The premise behind the stupefyingly moronic Derailed is promising, but its execution is so bungled and obvious that there really is little reason to watch this movie. Derailed, based on the novel by James Siegel, is one of those movies that thinks it is much cleverer than it actually is. Anybody who has seen a few thrillers can guess what the big "twist" is, taking the suspense out of the film. Everything begins on a nice note. Charles Schine (Clive Owen, Sin City, Closer) meets Lucinda Harris (Jennifer Aniston, Along Came Polly, Bruce Almighty) on a train. Both are married with children, but sparks fly and after some time, the two find themselves in a hotel room.


Before they physically consummate their affair, Philippe Laroche (Vincent Cassel, Ocean's Twelve, The Reckoning) storms in and robs them.  He violently rapes Harris, then accosts Schine. Afterwards, Schine wants to take Harris to the hospital, but she refuses. She doesn't want her husband to know she was having an affair. Schine lies to his coworkers and wife (Melissa George, The Amityville Horror, Down with Love) and says he was mugged. Everything seems to be fine, and life goes back to normal, until Laroche calls.  He demands $20K, or else he will tell everybody that Schine is having an affair. Rather then confess to his wife, or to the police, Schine agrees to pay the money. Oh, and his daughter (Addison Timlin) is sick and needs constant dialysis. 


Schine pays, thinking everything is over, and lo and behold, a few months later, Laroche returns asking for more. Again, against all logic, Schine agrees, this time hoping to turn the tables on Laroche. The reasonable thing to do is to save his increasingly troubled marriage, ensure the health and future of his daughter, and get his life on track. Yet, he keeps listening to Harris, who is afraid of her husband. Derailed (note the irony of the name) is DOA pretty much on arrival, but begins to get ridiculous when Schine begins to think he may be smarter than Laroche. The plot (adapted by Stuart Beattie, Collateral, Pirates of the Caribbean) is too transparent and too dull to make anybody care.

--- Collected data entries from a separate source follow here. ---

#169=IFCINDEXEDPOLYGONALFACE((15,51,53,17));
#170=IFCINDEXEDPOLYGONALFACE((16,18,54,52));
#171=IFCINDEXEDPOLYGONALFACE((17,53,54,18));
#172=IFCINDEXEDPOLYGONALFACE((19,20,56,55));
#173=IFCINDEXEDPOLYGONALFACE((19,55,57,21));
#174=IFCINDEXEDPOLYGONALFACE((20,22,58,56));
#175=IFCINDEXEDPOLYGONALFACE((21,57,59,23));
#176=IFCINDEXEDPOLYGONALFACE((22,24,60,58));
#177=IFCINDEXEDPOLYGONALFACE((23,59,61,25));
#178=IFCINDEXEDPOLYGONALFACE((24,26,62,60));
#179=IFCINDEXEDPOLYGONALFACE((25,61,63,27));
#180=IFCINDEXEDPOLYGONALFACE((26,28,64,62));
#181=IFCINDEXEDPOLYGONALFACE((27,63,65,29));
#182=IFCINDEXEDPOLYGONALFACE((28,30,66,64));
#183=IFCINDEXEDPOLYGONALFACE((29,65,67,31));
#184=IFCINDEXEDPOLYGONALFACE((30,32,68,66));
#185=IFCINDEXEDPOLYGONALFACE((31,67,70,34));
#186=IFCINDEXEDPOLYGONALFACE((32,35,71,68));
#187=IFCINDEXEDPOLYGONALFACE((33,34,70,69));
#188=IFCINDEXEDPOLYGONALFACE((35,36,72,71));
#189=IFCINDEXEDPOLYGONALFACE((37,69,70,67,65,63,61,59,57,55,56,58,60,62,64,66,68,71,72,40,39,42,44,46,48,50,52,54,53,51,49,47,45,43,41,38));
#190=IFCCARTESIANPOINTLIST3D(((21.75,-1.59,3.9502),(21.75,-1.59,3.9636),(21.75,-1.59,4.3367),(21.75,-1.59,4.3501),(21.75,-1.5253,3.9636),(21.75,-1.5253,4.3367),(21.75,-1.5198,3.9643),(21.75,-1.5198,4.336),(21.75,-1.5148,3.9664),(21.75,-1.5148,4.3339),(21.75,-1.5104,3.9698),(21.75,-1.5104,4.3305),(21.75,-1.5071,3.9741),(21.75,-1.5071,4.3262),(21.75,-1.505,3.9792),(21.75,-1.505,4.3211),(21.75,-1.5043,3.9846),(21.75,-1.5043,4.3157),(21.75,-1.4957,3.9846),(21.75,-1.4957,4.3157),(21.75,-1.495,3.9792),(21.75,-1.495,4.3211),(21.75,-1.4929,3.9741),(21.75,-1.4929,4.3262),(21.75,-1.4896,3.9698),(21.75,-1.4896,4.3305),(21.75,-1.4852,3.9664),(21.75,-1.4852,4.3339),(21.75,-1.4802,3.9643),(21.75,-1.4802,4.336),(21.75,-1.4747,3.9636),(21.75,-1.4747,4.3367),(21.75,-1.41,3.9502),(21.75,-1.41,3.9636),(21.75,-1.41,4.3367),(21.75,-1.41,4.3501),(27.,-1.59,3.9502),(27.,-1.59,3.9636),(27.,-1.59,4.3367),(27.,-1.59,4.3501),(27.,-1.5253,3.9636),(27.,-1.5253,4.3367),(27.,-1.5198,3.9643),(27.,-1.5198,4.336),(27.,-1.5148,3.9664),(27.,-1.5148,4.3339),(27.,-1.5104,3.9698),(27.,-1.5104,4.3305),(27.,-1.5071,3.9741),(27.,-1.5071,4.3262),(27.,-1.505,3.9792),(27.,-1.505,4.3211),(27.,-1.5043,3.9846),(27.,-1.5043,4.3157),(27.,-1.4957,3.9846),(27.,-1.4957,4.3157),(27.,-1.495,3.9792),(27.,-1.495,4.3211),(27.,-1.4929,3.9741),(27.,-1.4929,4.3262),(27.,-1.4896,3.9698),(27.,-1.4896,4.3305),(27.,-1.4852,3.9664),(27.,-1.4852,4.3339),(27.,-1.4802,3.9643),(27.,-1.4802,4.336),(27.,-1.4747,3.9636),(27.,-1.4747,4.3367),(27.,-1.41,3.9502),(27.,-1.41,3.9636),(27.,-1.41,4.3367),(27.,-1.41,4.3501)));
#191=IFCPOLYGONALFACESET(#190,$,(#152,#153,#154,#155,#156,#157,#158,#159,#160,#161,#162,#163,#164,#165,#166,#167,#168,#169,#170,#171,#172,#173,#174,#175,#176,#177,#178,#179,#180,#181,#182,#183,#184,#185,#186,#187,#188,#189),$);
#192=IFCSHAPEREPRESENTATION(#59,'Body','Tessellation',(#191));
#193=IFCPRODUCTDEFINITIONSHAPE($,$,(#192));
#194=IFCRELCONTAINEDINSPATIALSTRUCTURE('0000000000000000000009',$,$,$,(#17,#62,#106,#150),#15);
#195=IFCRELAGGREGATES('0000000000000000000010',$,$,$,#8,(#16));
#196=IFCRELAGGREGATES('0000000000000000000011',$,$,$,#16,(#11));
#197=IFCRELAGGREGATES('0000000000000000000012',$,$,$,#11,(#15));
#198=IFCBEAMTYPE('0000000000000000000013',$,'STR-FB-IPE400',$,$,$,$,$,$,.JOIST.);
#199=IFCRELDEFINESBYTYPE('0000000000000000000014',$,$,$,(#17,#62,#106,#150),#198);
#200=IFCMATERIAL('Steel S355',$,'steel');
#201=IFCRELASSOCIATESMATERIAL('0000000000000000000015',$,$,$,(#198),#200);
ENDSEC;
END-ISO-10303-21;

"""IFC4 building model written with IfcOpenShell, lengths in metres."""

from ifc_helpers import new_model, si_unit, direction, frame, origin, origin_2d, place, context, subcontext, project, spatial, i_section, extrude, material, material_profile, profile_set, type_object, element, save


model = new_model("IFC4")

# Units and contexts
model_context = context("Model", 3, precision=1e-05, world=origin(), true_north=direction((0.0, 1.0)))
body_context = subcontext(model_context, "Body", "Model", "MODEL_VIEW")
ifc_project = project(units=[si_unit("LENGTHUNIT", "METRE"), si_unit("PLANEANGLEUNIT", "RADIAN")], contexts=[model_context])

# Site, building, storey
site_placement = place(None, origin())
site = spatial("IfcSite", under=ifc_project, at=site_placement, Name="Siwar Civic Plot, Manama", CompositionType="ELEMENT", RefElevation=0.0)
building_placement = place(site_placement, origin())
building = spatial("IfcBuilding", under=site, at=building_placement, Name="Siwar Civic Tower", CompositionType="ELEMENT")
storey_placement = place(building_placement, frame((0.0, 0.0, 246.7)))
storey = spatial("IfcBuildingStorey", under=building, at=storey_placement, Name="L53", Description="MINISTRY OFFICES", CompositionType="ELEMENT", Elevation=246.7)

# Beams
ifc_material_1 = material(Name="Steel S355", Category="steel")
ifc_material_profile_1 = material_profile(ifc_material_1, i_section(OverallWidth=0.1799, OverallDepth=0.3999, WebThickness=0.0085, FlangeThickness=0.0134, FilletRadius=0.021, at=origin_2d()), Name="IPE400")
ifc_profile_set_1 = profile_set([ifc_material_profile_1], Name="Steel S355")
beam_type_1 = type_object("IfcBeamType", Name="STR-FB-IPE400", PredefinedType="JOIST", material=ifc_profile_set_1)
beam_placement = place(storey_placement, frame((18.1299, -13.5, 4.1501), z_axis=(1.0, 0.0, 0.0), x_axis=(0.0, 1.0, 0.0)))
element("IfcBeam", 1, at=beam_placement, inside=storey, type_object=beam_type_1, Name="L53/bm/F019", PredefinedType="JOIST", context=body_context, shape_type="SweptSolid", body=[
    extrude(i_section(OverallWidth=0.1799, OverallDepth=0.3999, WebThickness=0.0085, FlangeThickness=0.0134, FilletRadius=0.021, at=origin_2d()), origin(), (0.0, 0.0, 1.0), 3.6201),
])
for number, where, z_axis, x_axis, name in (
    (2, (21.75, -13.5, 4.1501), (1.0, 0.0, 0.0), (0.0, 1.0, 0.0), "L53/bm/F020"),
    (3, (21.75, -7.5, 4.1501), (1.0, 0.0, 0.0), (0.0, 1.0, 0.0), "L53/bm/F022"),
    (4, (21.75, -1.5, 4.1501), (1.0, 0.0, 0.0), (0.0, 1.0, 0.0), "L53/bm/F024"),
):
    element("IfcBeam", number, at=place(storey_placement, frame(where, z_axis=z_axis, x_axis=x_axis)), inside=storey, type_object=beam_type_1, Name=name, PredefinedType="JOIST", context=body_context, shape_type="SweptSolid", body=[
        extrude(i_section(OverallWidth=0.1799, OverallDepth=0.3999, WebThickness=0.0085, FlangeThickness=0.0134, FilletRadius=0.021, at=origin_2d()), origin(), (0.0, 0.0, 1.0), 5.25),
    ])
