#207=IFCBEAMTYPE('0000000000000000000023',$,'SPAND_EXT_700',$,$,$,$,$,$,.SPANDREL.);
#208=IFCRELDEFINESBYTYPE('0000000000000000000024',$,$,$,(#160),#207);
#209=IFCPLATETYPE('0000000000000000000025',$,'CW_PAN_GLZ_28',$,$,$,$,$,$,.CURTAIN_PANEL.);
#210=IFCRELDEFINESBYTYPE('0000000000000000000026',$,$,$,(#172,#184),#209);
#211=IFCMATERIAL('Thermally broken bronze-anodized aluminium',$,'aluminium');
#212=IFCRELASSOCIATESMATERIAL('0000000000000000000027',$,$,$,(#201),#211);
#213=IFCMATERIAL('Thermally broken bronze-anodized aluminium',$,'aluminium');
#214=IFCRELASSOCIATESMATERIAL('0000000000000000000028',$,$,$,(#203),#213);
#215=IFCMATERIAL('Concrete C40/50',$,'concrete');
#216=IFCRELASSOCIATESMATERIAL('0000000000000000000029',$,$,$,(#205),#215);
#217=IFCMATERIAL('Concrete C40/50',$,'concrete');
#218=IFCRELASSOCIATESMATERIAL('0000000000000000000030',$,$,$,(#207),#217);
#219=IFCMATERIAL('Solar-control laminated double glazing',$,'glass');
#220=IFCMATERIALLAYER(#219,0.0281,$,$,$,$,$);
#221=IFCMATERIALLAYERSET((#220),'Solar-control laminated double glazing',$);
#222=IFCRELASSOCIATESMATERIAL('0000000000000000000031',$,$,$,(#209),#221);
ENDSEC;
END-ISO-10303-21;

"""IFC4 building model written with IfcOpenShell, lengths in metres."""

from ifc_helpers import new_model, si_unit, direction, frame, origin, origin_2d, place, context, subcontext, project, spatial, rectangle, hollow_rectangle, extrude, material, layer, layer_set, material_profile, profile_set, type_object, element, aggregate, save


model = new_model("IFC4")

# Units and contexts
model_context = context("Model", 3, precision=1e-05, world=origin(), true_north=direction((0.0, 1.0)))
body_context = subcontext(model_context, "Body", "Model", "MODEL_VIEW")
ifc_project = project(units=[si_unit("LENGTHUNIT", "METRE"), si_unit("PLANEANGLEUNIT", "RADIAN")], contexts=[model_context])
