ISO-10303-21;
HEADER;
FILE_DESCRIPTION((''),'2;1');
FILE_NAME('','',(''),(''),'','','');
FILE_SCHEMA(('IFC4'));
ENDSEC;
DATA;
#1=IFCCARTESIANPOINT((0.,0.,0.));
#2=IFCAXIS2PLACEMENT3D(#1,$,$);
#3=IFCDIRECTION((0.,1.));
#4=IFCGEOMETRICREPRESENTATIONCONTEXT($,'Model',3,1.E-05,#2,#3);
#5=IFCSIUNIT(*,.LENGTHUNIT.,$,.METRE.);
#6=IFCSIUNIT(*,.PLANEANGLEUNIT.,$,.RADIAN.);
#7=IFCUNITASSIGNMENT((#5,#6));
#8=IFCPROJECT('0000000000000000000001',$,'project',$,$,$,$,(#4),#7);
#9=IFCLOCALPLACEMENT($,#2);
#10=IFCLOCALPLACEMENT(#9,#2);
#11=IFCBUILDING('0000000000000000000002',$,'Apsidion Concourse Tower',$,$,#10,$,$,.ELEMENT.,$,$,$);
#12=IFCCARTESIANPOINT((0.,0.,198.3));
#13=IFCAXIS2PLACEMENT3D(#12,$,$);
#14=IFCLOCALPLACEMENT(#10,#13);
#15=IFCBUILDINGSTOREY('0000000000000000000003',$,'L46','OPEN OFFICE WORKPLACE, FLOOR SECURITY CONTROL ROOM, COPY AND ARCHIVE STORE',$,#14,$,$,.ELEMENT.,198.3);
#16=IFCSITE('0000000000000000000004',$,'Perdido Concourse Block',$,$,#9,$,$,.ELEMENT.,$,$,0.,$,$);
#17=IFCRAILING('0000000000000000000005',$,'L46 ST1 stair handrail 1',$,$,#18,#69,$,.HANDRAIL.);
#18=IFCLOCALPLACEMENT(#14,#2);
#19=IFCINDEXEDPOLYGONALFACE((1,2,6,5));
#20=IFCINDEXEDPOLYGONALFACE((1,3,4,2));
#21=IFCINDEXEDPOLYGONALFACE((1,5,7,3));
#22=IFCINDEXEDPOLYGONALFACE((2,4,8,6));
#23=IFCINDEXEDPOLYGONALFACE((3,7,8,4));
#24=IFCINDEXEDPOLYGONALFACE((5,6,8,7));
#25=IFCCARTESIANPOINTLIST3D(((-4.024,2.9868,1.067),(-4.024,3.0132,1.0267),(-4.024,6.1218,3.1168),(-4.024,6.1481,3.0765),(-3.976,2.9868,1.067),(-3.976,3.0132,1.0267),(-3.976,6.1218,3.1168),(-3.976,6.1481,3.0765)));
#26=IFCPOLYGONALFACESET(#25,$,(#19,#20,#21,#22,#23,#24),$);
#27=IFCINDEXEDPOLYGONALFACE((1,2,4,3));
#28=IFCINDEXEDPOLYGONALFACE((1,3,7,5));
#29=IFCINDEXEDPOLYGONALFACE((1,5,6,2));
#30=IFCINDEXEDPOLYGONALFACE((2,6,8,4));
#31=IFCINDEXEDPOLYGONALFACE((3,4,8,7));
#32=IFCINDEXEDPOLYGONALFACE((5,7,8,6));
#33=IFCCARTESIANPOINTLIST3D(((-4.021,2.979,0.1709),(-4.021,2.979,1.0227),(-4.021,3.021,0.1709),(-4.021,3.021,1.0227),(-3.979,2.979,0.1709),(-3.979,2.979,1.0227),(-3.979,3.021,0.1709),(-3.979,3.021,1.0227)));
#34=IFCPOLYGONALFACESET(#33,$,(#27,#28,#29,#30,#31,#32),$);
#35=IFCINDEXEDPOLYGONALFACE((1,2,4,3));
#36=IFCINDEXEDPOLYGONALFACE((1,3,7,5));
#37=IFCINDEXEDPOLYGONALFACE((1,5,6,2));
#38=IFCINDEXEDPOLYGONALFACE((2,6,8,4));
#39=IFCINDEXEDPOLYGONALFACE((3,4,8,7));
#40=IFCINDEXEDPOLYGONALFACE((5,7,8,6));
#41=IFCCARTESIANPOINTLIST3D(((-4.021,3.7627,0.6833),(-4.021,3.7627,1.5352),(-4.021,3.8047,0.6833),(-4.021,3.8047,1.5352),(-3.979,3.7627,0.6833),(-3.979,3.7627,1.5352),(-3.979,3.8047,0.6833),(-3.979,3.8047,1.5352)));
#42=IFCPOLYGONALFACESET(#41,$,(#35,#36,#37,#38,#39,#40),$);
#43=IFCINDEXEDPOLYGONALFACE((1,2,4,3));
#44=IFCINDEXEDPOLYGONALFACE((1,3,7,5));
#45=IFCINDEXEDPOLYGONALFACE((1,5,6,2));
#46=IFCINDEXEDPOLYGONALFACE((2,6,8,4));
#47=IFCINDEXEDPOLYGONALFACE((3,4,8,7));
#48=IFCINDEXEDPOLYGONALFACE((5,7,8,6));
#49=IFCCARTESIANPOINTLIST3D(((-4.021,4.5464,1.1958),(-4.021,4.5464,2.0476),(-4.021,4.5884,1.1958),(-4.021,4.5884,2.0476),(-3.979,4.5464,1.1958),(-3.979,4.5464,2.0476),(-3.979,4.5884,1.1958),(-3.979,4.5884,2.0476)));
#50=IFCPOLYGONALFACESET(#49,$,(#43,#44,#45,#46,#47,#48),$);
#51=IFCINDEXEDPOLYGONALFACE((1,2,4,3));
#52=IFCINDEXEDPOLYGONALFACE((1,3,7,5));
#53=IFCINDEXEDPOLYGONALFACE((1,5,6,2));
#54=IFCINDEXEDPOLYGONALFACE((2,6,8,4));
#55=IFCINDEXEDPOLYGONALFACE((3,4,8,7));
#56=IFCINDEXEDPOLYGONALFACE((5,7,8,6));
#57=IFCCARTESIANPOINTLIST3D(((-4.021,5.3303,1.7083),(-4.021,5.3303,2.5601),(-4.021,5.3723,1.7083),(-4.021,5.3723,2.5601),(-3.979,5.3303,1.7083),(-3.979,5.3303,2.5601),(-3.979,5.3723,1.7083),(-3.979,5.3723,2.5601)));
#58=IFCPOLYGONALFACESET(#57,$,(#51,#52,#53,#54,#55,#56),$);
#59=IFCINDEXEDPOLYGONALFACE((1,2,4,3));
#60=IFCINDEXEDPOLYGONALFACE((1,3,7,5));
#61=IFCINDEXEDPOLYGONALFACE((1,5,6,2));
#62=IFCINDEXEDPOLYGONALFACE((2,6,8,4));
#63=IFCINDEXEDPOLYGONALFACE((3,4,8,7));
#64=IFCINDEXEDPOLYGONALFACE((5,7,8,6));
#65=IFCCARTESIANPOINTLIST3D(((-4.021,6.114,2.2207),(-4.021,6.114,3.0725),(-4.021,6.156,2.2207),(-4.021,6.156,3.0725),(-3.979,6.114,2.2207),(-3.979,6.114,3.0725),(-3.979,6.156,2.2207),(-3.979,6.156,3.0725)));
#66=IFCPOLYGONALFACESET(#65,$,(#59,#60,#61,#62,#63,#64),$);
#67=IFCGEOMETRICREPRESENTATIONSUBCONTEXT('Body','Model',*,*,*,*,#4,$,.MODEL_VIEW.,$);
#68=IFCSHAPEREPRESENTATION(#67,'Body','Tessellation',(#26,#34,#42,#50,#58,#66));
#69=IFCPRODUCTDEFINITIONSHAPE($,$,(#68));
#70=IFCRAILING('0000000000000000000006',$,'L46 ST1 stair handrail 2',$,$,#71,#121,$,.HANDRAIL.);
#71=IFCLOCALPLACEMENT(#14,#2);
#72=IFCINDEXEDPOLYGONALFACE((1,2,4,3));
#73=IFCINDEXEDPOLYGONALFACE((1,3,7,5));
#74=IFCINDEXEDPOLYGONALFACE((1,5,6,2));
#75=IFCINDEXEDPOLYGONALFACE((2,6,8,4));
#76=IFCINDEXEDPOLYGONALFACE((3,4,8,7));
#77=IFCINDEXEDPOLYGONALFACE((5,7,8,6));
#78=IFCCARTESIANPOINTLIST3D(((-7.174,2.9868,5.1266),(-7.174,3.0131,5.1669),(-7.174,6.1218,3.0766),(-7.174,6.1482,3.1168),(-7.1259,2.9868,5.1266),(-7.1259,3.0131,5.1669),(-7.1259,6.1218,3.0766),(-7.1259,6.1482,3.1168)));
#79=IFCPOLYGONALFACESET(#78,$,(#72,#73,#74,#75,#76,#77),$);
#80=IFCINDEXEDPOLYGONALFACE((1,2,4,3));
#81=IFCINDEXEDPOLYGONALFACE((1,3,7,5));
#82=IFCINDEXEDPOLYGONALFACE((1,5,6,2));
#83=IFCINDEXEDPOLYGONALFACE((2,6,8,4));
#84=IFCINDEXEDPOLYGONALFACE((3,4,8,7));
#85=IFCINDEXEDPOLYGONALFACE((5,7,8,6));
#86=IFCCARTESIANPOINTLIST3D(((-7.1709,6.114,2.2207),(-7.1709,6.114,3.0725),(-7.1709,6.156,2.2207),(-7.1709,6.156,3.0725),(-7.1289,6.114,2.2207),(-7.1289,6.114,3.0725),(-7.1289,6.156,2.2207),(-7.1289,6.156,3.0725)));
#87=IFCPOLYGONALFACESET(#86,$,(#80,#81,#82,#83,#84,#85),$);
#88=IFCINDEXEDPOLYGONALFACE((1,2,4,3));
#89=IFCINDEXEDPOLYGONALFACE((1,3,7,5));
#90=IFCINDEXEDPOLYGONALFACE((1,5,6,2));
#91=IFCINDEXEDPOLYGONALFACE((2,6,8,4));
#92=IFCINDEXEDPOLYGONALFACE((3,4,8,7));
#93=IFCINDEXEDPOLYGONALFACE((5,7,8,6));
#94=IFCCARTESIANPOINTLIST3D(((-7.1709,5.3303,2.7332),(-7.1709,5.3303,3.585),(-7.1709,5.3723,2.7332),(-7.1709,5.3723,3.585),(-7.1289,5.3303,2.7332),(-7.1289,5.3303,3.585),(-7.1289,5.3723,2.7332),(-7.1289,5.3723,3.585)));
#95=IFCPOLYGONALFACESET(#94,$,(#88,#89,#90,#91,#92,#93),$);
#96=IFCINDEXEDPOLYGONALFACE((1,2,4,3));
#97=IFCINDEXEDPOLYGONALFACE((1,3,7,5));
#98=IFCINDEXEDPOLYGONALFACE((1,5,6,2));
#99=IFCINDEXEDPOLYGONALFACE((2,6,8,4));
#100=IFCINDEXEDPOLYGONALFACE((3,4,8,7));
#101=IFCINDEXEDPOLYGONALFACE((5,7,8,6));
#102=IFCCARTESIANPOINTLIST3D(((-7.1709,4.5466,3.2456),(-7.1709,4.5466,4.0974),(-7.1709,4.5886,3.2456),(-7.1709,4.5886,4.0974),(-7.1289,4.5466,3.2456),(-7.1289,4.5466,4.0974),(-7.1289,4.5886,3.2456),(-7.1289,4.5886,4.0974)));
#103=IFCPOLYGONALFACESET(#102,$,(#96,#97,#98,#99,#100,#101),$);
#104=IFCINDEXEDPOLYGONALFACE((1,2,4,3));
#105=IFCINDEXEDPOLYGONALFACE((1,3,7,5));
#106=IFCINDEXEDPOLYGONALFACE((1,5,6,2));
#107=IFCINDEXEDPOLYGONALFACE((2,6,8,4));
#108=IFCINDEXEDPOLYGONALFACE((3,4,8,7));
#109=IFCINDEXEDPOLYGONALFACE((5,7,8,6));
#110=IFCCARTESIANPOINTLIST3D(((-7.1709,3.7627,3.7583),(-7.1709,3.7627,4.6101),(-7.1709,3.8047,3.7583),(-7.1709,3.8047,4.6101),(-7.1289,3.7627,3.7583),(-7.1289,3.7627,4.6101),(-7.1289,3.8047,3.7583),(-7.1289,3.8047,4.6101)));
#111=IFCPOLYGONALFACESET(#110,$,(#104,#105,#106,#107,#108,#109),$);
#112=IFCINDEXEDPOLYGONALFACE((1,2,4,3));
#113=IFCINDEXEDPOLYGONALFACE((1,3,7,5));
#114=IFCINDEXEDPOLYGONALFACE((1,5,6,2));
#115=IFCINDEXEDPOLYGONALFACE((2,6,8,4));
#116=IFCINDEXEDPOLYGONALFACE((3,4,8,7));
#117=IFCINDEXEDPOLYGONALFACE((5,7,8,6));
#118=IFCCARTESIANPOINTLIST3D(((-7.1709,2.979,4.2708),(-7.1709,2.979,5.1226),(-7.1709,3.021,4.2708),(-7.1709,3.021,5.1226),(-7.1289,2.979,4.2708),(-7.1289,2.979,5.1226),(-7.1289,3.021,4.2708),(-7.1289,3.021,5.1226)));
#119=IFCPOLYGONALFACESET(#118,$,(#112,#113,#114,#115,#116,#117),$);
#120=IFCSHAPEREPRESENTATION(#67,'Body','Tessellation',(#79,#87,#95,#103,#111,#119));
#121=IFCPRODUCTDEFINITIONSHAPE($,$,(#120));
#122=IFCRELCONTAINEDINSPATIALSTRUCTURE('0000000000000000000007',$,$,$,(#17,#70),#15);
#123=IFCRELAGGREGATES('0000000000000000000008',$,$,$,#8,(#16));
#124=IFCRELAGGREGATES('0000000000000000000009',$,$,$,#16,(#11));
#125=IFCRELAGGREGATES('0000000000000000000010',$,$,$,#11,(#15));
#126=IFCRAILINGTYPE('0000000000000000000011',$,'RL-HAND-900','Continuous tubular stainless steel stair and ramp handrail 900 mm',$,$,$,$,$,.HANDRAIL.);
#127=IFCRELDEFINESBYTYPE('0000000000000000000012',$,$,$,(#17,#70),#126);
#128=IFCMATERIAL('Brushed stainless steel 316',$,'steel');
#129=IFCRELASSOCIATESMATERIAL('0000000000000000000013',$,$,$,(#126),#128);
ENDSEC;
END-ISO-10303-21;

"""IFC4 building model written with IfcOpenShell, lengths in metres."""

from ifc_helpers import new_model, si_unit, direction, frame, origin, origin_2d, place, context, subcontext, project, spatial, rectangle, extrude, material, type_object, element, save


model = new_model("IFC4")

# Units and contexts
model_context = context("Model", 3, precision=1e-05, world=origin(), true_north=direction((0.0, 1.0)))
body_context = subcontext(model_context, "Body", "Model", "MODEL_VIEW")
ifc_project = project(units=[si_unit("LENGTHUNIT", "METRE"), si_unit("PLANEANGLEUNIT", "RADIAN")], contexts=[model_context])

# Site, building, storey
site_placement = place(None, origin())
site = spatial("IfcSite", under=ifc_project, at=site_placement, Name="Perdido Concourse Block", CompositionType="ELEMENT", RefElevation=0.0)
building_placement = place(site_placement, origin())
building = spatial("IfcBuilding", under=site, at=building_placement, Name="Apsidion Concourse Tower", CompositionType="ELEMENT")
storey_placement = place(building_placement, frame((0.0, 0.0, 198.3)))
storey = spatial("IfcBuildingStorey", under=building, at=storey_placement, Name="L46", Description="OPEN OFFICE WORKPLACE, FLOOR SECURITY CONTROL ROOM, COPY AND ARCHIVE STORE", CompositionType="ELEMENT", Elevation=198.3)

# Shared definitions
ifc_material_1 = material(Name="Brushed stainless steel 316", Category="steel")

# Railings
railing_type_1 = type_object("IfcRailingType", Name="RL-HAND-900", Description="Continuous tubular stainless steel stair and ramp handrail 900 mm", PredefinedType="HANDRAIL", material=ifc_material_1)
railing_1_placement = place(storey_placement, frame((-4.0, 3.0, 0.1709)))
element("IfcRailing", 1, at=railing_1_placement, inside=storey, type_object=railing_type_1, Name="L46 ST1 stair handrail 1", PredefinedType="HANDRAIL", context=body_context, shape_type="SweptSolid", body=[
    extrude(rectangle(XDim=0.0481, YDim=0.0481, at=origin_2d()), frame((0.0, 0.0, 0.876), z_axis=(0.0, 0.836971, 0.547248), x_axis=(-1.0, 0.0, 0.0)), (0.0, 0.0, 1.0), 3.7456),
    extrude(rectangle(XDim=0.042, YDim=0.042, at=origin_2d()), origin(), (0.0, 0.0, 1.0), 0.8518),
    extrude(rectangle(XDim=0.042, YDim=0.042, at=origin_2d()), frame((0.0, 0.7837, 0.5125)), (0.0, 0.0, 1.0), 0.8518),
    extrude(rectangle(XDim=0.042, YDim=0.042, at=origin_2d()), frame((0.0, 1.5674, 1.0249)), (0.0, 0.0, 1.0), 0.8518),
    extrude(rectangle(XDim=0.042, YDim=0.042, at=origin_2d()), frame((0.0, 2.3513, 1.5374)), (0.0, 0.0, 1.0), 0.8518),
    extrude(rectangle(XDim=0.042, YDim=0.042, at=origin_2d()), frame((0.0, 3.135, 2.0498)), (0.0, 0.0, 1.0), 0.8518),
])
railing_2_placement = place(storey_placement, frame((-7.1499, 6.135, 2.2207)))
element("IfcRailing", 2, at=railing_2_placement, inside=storey, type_object=railing_type_1, Name="L46 ST1 stair handrail 2", PredefinedType="HANDRAIL", context=body_context, shape_type="SweptSolid", body=[
    extrude(rectangle(XDim=0.0481, YDim=0.0481, at=origin_2d()), frame((0.0, 0.0, 0.876), z_axis=(0.0, -0.836941, 0.547293), x_axis=(1.0, 0.0, 0.0)), (0.0, 0.0, 1.0), 3.7458),
    extrude(rectangle(XDim=0.042, YDim=0.042, at=origin_2d()), origin(), (0.0, 0.0, 1.0), 0.8518),
    extrude(rectangle(XDim=0.042, YDim=0.042, at=origin_2d()), frame((0.0, -0.7837, 0.5125)), (0.0, 0.0, 1.0), 0.8518),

To make matters worse, just when it seems like Derailed is finally over, director Mikael Hafstrom (Drowning Ghost, Evil) tacks on an additional unnecessary ending that muddies the story even further.  How far will an ordinary man go to fix his stupidity, er, protect his family?  With the right material, Owen can come across as very intense.  He, he looks befuddled.  Aniston's performance basically consists of her frowning.  This sharply contrasts with Cassel, who is so far over the top that he is a caricature of a crazy criminal.  With Aniston's performance here, Courtney Cox's in November, and Lisa Kudrow's in Happy Endings, it has not been a good year for the alumna of Friends
Haro Rates It: Pretty Bad.
1 hour, 50 minutes, Rated R for strong disturbing violence, language, and some sexuality.